3. Specs are written in English. They're ambiguous - they can absolutely serve the planning and design phases, but this ambiguity prevents meaningful behaviour assertions about the system as it grows.

Contrast that with tests:

1. They are executable and have the precision of code. They don't just describe behaviour of the system, they validate that the system follows that behaviour, without ambiguity.

2. They scale - it's completely reasonable to have extensive codebases have all (if not most) of their behaviour covered by tests.

3. Updating is enforcable - assuming you're using a CI pipeline, when tests break, they must be updated in order to continue.

4. You can systematically determine if the tests fully describe the behaviour (ie. is all the behaviour tested) via mutation testing. This will tell you with absolute certainty if code is tested or not - do the tests fully describe the system's behaviour.

That being said, I think it's very valuable to start with a planning stage, even to provide a spec, such that the correct behaviour gets encoded into tests, and then instantiated by the implementation. But in my view, specs are best used within the design stage, and if left in the codebase, treated only as historical info for what went into the development of the feature. Attempting to use them as the source of truth for the behaviour of the system is fraught.

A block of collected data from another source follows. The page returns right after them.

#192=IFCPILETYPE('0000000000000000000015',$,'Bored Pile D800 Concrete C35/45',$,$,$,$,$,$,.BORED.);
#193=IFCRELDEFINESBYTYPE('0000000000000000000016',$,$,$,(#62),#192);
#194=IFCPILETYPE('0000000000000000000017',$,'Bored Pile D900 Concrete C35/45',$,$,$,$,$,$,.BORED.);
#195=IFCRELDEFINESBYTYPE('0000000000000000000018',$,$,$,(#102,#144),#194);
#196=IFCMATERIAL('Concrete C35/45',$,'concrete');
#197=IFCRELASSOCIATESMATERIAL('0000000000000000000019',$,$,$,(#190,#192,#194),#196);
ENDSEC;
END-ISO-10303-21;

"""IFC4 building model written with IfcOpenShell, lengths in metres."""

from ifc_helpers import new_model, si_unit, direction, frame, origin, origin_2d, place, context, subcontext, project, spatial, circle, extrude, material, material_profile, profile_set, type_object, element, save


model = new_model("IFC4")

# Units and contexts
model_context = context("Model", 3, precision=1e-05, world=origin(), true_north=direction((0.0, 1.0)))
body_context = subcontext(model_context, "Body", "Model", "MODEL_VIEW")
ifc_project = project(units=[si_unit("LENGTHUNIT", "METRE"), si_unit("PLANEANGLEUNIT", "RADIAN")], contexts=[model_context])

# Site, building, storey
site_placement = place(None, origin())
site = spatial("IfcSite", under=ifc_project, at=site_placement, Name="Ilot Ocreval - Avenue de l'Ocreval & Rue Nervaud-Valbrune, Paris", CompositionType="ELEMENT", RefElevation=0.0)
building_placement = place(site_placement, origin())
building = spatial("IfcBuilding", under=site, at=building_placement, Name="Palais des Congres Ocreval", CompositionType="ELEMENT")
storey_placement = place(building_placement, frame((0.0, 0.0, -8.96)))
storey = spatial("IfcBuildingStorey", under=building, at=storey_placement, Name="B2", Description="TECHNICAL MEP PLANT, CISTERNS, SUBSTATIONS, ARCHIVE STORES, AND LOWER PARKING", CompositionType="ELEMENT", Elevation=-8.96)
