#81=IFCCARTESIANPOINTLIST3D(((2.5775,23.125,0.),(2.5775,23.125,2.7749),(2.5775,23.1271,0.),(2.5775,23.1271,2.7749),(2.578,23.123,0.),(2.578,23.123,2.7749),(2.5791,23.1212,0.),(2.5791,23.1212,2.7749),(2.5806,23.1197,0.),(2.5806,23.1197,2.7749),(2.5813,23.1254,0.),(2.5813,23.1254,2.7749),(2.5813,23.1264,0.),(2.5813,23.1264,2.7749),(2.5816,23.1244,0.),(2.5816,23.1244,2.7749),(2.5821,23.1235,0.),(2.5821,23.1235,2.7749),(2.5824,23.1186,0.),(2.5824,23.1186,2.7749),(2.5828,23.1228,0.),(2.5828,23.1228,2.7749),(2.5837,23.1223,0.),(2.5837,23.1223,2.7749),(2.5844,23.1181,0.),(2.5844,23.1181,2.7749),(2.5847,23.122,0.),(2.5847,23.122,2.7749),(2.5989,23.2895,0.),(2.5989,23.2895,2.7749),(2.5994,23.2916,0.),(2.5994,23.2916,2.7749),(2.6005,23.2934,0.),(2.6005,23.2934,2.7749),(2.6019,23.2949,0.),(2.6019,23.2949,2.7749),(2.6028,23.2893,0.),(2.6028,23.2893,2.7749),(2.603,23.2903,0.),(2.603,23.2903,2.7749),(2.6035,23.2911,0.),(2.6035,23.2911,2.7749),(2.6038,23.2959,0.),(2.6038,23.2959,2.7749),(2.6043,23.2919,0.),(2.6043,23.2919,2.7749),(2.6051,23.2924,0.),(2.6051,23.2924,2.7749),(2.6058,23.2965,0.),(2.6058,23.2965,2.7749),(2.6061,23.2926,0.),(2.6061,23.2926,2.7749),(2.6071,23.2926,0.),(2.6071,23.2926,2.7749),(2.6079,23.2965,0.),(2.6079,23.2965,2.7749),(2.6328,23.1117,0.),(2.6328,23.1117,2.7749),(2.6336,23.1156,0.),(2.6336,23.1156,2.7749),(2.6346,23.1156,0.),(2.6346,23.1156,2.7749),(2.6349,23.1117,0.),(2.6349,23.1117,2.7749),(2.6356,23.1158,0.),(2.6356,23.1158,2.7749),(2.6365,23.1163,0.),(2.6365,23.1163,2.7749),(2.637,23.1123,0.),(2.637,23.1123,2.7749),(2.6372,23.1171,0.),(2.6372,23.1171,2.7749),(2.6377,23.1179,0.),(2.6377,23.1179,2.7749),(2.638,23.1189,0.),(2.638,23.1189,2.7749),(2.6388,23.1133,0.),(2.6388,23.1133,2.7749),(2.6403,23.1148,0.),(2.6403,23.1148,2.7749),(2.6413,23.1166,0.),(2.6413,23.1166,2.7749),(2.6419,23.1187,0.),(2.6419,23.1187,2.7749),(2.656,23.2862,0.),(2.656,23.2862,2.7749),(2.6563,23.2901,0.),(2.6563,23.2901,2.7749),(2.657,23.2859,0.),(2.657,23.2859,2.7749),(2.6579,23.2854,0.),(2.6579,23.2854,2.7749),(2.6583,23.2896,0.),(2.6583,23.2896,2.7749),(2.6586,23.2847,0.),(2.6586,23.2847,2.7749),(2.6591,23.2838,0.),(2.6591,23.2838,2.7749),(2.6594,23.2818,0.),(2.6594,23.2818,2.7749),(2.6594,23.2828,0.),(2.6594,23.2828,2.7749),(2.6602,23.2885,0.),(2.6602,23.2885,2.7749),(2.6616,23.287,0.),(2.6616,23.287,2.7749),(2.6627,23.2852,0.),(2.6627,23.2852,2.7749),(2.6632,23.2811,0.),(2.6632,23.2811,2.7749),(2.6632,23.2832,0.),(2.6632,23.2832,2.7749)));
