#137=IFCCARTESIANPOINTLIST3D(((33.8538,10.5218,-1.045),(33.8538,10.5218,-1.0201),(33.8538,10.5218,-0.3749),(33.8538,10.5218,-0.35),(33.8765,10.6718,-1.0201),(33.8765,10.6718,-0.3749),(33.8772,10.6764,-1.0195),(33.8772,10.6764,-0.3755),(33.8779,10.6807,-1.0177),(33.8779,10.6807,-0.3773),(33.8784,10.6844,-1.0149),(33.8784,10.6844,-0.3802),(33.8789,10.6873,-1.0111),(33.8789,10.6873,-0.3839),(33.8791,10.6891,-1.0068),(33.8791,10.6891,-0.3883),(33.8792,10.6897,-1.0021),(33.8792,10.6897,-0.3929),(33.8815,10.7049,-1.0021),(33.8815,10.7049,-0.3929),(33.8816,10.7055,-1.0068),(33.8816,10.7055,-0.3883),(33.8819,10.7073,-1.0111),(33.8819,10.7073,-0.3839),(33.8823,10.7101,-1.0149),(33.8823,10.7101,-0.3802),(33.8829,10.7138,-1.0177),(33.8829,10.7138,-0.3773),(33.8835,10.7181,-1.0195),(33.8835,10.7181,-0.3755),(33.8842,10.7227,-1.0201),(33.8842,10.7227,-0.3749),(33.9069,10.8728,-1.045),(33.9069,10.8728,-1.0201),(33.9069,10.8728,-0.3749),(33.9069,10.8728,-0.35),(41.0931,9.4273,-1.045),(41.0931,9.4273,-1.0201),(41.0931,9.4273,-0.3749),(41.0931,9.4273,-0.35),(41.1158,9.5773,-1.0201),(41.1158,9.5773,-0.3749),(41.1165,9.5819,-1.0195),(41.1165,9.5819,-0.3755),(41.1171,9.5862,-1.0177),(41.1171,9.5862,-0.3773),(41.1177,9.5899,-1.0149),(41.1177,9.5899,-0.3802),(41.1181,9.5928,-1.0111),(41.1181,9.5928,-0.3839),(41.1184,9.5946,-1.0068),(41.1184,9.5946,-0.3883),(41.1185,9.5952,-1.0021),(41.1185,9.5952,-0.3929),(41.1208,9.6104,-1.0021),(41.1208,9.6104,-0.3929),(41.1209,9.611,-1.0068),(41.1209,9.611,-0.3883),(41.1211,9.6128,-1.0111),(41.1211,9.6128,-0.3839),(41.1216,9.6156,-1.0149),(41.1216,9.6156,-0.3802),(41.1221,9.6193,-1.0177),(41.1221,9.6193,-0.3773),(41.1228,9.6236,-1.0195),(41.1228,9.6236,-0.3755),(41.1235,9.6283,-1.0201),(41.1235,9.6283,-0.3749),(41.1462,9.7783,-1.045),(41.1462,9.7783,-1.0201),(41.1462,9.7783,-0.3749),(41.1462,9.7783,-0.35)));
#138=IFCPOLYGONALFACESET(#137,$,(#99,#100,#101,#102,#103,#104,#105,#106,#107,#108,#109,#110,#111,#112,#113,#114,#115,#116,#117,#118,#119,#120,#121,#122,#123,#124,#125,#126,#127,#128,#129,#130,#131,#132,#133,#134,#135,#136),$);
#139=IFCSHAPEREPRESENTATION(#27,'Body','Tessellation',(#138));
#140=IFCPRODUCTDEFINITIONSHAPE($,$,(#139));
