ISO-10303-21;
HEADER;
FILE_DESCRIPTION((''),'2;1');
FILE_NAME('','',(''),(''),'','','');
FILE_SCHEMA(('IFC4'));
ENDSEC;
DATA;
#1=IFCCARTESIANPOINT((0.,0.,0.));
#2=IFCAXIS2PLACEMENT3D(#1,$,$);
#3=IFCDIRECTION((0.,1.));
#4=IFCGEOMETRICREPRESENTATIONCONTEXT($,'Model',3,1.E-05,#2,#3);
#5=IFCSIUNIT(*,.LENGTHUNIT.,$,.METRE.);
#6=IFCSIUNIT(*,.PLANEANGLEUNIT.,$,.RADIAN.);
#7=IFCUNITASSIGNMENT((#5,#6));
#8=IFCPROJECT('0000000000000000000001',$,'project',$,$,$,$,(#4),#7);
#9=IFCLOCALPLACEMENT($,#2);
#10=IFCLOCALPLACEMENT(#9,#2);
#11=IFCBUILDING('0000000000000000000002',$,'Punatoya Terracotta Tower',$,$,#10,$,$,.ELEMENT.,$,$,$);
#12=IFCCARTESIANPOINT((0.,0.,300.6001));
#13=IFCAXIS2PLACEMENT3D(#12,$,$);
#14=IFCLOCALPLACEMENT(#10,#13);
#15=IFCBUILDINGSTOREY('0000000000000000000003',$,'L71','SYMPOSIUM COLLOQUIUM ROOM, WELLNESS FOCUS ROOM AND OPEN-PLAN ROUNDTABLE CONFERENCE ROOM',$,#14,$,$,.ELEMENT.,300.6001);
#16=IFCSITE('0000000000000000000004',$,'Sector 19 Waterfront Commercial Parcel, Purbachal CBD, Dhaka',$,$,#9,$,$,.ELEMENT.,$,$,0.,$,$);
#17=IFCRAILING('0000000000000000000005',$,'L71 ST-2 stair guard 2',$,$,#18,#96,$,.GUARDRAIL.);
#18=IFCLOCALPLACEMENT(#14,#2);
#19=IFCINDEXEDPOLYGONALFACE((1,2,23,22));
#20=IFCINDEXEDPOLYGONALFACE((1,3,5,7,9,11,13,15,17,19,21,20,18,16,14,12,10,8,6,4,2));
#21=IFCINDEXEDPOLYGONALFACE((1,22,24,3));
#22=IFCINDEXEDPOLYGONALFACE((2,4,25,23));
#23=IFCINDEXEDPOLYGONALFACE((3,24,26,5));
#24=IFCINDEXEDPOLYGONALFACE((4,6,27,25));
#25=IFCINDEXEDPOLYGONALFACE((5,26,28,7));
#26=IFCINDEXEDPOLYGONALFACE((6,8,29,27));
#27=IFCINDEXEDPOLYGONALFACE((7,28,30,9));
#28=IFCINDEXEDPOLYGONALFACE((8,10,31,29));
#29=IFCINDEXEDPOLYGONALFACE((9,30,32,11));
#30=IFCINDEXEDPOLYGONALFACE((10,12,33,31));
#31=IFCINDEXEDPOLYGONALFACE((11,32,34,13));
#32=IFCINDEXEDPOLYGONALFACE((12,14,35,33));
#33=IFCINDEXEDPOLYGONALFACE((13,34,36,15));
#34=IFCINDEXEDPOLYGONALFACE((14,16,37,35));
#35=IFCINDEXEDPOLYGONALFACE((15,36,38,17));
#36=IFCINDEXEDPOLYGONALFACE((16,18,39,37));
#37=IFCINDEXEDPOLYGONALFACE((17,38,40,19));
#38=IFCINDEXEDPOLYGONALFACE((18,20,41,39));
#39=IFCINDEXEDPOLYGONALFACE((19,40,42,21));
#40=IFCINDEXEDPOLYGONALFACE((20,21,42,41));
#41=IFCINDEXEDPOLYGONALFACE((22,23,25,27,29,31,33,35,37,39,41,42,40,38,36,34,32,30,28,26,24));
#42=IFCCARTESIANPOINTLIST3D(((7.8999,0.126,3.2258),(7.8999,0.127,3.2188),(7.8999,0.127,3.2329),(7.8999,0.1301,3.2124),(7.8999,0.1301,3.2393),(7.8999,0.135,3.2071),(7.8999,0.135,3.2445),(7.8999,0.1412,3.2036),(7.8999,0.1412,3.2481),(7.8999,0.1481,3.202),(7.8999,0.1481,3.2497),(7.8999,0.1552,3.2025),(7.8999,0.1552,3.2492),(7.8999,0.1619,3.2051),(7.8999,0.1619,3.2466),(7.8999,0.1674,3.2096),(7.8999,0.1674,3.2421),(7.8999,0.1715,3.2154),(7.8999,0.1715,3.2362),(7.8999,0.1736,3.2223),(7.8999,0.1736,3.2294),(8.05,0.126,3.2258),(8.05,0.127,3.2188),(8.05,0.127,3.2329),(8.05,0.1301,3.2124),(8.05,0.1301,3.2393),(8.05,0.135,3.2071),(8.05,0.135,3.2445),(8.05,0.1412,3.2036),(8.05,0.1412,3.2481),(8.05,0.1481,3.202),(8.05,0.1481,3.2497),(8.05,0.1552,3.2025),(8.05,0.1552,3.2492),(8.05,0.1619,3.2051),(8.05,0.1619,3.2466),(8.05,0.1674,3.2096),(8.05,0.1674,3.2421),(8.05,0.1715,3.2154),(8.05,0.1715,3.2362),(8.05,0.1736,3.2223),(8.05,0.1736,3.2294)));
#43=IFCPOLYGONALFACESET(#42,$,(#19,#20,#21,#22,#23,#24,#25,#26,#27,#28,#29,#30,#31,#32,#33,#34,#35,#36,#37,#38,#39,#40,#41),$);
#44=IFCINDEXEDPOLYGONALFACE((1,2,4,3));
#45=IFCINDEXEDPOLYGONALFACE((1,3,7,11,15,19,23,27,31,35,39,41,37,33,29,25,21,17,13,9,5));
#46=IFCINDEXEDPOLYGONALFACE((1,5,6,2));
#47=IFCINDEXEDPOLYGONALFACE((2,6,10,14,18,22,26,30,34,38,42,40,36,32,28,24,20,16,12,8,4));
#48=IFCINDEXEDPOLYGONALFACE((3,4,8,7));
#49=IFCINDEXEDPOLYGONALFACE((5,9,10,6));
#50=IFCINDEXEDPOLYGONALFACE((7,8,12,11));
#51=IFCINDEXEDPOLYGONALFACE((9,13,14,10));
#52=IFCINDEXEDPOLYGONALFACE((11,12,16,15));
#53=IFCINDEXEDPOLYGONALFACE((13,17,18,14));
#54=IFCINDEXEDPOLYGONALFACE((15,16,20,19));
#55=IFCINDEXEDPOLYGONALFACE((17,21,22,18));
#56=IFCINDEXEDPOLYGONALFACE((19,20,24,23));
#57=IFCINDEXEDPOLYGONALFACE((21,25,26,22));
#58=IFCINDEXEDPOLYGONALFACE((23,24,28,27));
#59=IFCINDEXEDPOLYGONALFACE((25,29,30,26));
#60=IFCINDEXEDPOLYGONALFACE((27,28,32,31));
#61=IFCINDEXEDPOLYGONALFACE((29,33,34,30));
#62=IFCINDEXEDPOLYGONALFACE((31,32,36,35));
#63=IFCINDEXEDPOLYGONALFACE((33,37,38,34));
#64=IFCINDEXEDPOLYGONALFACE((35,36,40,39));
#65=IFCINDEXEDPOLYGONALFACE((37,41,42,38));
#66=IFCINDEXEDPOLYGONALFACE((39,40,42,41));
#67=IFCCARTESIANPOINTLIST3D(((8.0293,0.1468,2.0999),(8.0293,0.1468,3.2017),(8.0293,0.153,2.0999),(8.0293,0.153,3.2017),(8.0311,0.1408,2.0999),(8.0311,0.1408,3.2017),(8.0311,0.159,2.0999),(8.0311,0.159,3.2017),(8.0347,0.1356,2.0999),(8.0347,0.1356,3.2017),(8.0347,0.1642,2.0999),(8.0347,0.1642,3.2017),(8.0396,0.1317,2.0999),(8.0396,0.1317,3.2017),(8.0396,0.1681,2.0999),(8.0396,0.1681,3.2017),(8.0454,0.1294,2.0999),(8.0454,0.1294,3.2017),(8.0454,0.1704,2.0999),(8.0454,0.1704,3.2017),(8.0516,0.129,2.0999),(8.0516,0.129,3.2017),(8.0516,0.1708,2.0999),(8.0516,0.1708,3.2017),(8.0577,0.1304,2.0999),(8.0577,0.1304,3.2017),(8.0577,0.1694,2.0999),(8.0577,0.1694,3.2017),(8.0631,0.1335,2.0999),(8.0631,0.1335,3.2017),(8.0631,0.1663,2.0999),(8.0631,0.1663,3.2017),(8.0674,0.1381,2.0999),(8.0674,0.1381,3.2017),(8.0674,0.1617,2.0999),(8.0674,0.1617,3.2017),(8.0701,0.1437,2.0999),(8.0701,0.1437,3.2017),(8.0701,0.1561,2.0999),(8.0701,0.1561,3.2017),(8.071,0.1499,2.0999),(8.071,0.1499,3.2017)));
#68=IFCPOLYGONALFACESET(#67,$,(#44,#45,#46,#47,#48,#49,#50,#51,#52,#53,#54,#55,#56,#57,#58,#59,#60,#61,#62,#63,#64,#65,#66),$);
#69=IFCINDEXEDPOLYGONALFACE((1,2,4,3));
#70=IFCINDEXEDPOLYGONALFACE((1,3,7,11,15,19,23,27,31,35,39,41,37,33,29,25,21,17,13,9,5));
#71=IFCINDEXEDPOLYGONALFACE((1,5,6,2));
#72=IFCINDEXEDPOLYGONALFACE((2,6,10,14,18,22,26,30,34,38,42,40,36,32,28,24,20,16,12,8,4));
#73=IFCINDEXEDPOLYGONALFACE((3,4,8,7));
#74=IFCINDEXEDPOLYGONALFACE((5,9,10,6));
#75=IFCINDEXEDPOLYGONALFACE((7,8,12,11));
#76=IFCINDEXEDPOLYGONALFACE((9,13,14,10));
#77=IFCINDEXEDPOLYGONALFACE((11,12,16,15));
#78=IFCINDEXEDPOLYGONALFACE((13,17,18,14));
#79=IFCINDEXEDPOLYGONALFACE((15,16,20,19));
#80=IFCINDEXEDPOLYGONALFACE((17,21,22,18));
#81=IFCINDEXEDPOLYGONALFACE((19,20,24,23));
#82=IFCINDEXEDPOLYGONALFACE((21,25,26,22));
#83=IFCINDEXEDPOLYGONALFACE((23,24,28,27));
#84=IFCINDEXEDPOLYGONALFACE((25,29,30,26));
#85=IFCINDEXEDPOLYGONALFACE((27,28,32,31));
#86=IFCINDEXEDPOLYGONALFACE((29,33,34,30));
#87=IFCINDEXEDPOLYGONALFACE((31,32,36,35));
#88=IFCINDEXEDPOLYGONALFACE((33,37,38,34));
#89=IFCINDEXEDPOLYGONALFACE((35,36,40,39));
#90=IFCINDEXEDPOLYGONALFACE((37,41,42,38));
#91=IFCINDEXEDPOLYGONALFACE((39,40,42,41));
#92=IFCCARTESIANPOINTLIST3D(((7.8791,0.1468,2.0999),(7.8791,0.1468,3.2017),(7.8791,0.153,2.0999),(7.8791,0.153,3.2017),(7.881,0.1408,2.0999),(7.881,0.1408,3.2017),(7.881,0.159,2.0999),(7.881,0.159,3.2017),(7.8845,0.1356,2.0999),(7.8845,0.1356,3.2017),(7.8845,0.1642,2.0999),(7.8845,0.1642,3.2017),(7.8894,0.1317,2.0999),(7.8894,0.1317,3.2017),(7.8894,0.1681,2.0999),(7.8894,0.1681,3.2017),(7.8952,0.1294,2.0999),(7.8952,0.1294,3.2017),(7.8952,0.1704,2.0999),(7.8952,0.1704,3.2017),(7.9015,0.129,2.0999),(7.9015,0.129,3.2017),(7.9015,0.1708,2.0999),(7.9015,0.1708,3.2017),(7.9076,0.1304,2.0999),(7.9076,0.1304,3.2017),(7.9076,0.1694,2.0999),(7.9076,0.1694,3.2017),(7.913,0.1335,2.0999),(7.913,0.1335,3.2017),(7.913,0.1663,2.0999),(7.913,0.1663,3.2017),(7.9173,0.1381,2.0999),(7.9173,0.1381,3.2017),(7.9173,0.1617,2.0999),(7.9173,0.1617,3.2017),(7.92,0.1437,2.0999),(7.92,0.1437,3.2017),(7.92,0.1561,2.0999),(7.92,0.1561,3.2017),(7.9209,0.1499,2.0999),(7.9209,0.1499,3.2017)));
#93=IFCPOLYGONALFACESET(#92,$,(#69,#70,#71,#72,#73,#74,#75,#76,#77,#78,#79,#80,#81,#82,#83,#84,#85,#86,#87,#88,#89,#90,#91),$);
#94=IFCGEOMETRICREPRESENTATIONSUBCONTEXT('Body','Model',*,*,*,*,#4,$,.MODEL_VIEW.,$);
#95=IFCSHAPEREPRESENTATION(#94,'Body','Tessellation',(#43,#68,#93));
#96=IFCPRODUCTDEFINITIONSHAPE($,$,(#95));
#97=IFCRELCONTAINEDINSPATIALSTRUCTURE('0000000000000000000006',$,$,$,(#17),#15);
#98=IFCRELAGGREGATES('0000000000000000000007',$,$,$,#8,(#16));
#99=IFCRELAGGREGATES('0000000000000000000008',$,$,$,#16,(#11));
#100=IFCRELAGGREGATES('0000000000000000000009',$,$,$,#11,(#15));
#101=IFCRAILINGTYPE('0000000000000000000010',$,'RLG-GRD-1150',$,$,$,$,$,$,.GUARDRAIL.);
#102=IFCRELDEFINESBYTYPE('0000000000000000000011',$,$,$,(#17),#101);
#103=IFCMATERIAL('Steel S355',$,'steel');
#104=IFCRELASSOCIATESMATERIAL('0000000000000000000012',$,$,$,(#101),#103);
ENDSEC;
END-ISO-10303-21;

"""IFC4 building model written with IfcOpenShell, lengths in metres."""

from ifc_helpers import new_model, si_unit, direction, frame, origin, origin_2d, place, context, subcontext, project, spatial, circle, extrude, material, type_object, element, save


model = new_model("IFC4")

# Units and contexts
model_context = context("Model", 3, precision=1e-05, world=origin(), true_north=direction((0.0, 1.0)))
body_context = subcontext(model_context, "Body", "Model", "MODEL_VIEW")
ifc_project = project(units=[si_unit("LENGTHUNIT", "METRE"), si_unit("PLANEANGLEUNIT", "RADIAN")], contexts=[model_context])

# Site, building, storey
site_placement = place(None, origin())
site = spatial("IfcSite", under=ifc_project, at=site_placement, Name="Sector 19 Waterfront Commercial Parcel, Purbachal CBD, Dhaka", CompositionType="ELEMENT", RefElevation=0.0)
building_placement = place(site_placement, origin())
building = spatial("IfcBuilding", under=site, at=building_placement, Name="Punatoya Terracotta Tower", CompositionType="ELEMENT")
storey_placement = place(building_placement, frame((0.0, 0.0, 300.6001)))
storey = spatial("IfcBuildingStorey", under=building, at=storey_placement, Name="L71", Description="SYMPOSIUM COLLOQUIUM ROOM, WELLNESS FOCUS ROOM AND OPEN-PLAN ROUNDTABLE CONFERENCE ROOM", CompositionType="ELEMENT", Elevation=300.6001)

# Shared definitions
ifc_material_1 = material(Name="Steel S355", Category="steel")

# Railing
railing_type = type_object("IfcRailingType", Name="RLG-GRD-1150", PredefinedType="GUARDRAIL", material=ifc_material_1)
railing_placement = place(storey_placement, frame((8.05, 0.1499, 2.0999)))
element("IfcRailing", 1, at=railing_placement, inside=storey, type_object=railing_type, Name="L71 ST-2 stair guard 2", PredefinedType="GUARDRAIL", context=body_context, shape_type="SweptSolid", body=[
    extrude(circle(Radius=0.0239, at=origin_2d()), frame((0.0, 0.0, 1.126), z_axis=(-1.0, 0.0, 0.0), x_axis=(0.0, -1.0, 0.0)), (0.0, 0.0, 1.0), 0.1501),
    extrude(circle(Radius=0.021, at=origin_2d()), origin(), (0.0, 0.0, 1.0), 1.1018),
    extrude(circle(Radius=0.021, at=origin_2d()), frame((-0.1501, 0.0, 0.0)), (0.0, 0.0, 1.0), 1.1018),
])

save(model, "model.ifc")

And I guess finally, I think that insofar as any framework uses the specs as the source of truth for behaviour, they're going to run into alignment problems since maintaining specs doesn't scale.

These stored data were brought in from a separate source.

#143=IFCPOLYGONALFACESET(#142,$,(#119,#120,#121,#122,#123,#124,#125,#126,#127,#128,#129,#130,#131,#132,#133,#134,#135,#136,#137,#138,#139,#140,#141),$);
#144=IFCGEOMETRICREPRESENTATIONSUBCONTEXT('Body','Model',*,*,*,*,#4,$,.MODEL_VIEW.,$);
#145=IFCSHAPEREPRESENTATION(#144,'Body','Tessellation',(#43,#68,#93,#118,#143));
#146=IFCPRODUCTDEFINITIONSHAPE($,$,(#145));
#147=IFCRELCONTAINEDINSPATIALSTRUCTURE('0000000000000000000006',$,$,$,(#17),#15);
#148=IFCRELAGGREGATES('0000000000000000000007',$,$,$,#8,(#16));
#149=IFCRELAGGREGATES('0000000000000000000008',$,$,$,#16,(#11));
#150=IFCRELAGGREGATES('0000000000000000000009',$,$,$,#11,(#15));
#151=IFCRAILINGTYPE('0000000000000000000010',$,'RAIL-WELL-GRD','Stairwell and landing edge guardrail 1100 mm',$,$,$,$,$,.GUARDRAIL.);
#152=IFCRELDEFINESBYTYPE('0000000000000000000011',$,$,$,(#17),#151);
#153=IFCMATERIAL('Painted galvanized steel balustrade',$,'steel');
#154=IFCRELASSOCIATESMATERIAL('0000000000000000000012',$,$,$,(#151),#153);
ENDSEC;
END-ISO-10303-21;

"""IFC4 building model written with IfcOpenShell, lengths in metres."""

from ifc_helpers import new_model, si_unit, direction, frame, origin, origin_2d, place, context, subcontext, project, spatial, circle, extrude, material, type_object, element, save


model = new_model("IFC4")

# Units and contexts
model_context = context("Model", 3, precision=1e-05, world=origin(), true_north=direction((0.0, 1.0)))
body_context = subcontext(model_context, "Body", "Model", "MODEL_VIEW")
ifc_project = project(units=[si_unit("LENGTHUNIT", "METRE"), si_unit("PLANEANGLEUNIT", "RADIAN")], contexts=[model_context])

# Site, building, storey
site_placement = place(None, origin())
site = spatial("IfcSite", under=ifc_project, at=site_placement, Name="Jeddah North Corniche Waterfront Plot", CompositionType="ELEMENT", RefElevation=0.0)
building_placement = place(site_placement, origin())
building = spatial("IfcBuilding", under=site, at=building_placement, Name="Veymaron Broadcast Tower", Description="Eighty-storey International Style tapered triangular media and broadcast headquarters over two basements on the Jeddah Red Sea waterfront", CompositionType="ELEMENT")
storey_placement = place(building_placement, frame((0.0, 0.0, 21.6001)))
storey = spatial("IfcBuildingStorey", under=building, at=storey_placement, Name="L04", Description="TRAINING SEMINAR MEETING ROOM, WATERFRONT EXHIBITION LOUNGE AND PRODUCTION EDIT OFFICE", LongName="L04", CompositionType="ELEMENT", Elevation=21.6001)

zby 5 hours ago | parent | prev [-]

SDD is about flowing the design choices from the spec into the rest of the system. TDD was for making sure that the inevitable changes you make to the system later don't break your earlier assumptions - or at least warn that you need to change them. Personally I don't buy TDD - it might be useful sometimes - but it is kind of extreme - but in general agile methodologies were a reaction to the waterfall model of system development.

internet_points 3 hours ago | parent | prev | next [-]

See also recent post "A sufficiently detailed spec is code" which tried and failed to reproduce openai's spec results: https://hn.algolia.com/?q=https%3A%2F%2Fhaskellforall.com%2F...

j45 7 hours ago | parent | prev | next [-]

Specs see more about alignment and clarity increasing code that works, and increase the success of tests.

locknitpicker 7 hours ago | parent | prev [-]

> This has been solved already - automated testing.

This is specious reasoning. Automated tests are already the output of these specs, and specs cover way more than what you cover with code.

Framing tests as the feedback that drives design is also a baffling opinion. Without specialized prompts such as specs, you LLM agent of choice ends up either ignoring tests altogether or even changing them to fit their own baseless assumptions.

I mean, who hasn't stumbled upon the infamous "the rest of your tests go here" output in automated tests?

polytely 5 hours ago | parent | next [-]

> Automated tests are already the output of these specs, and specs cover way more than what you cover with code.

ok but how are you sure that the AI is correctly turning the spec into tests. if it makes a mistake there and then builds the code in accordance with the mistaken test you only get the Illusion of a correct implementation

locknitpicker 4 hours ago | parent [-]

> ok but how are you sure that the AI is correctly turning the spec into tests.

You use the specs to generate the tests, and you review the changes.

mattmanser 6 hours ago | parent | prev [-]

I've seen a few comments recently that start with:

This is specious reasoning

It's an insulting phrase and from now on I'm immediately down voting it when I see it.

nelox 5 hours ago | parent | next [-]

On the face of it is insulting, until you dig a little deeper

locknitpicker 4 hours ago | parent | prev [-]

> It's an insulting phrase ( ...)

I'm sorry you feel like that. How would you phrase an observation where you find the rationale for an assertion to not be substantiated and supported beyond surface level?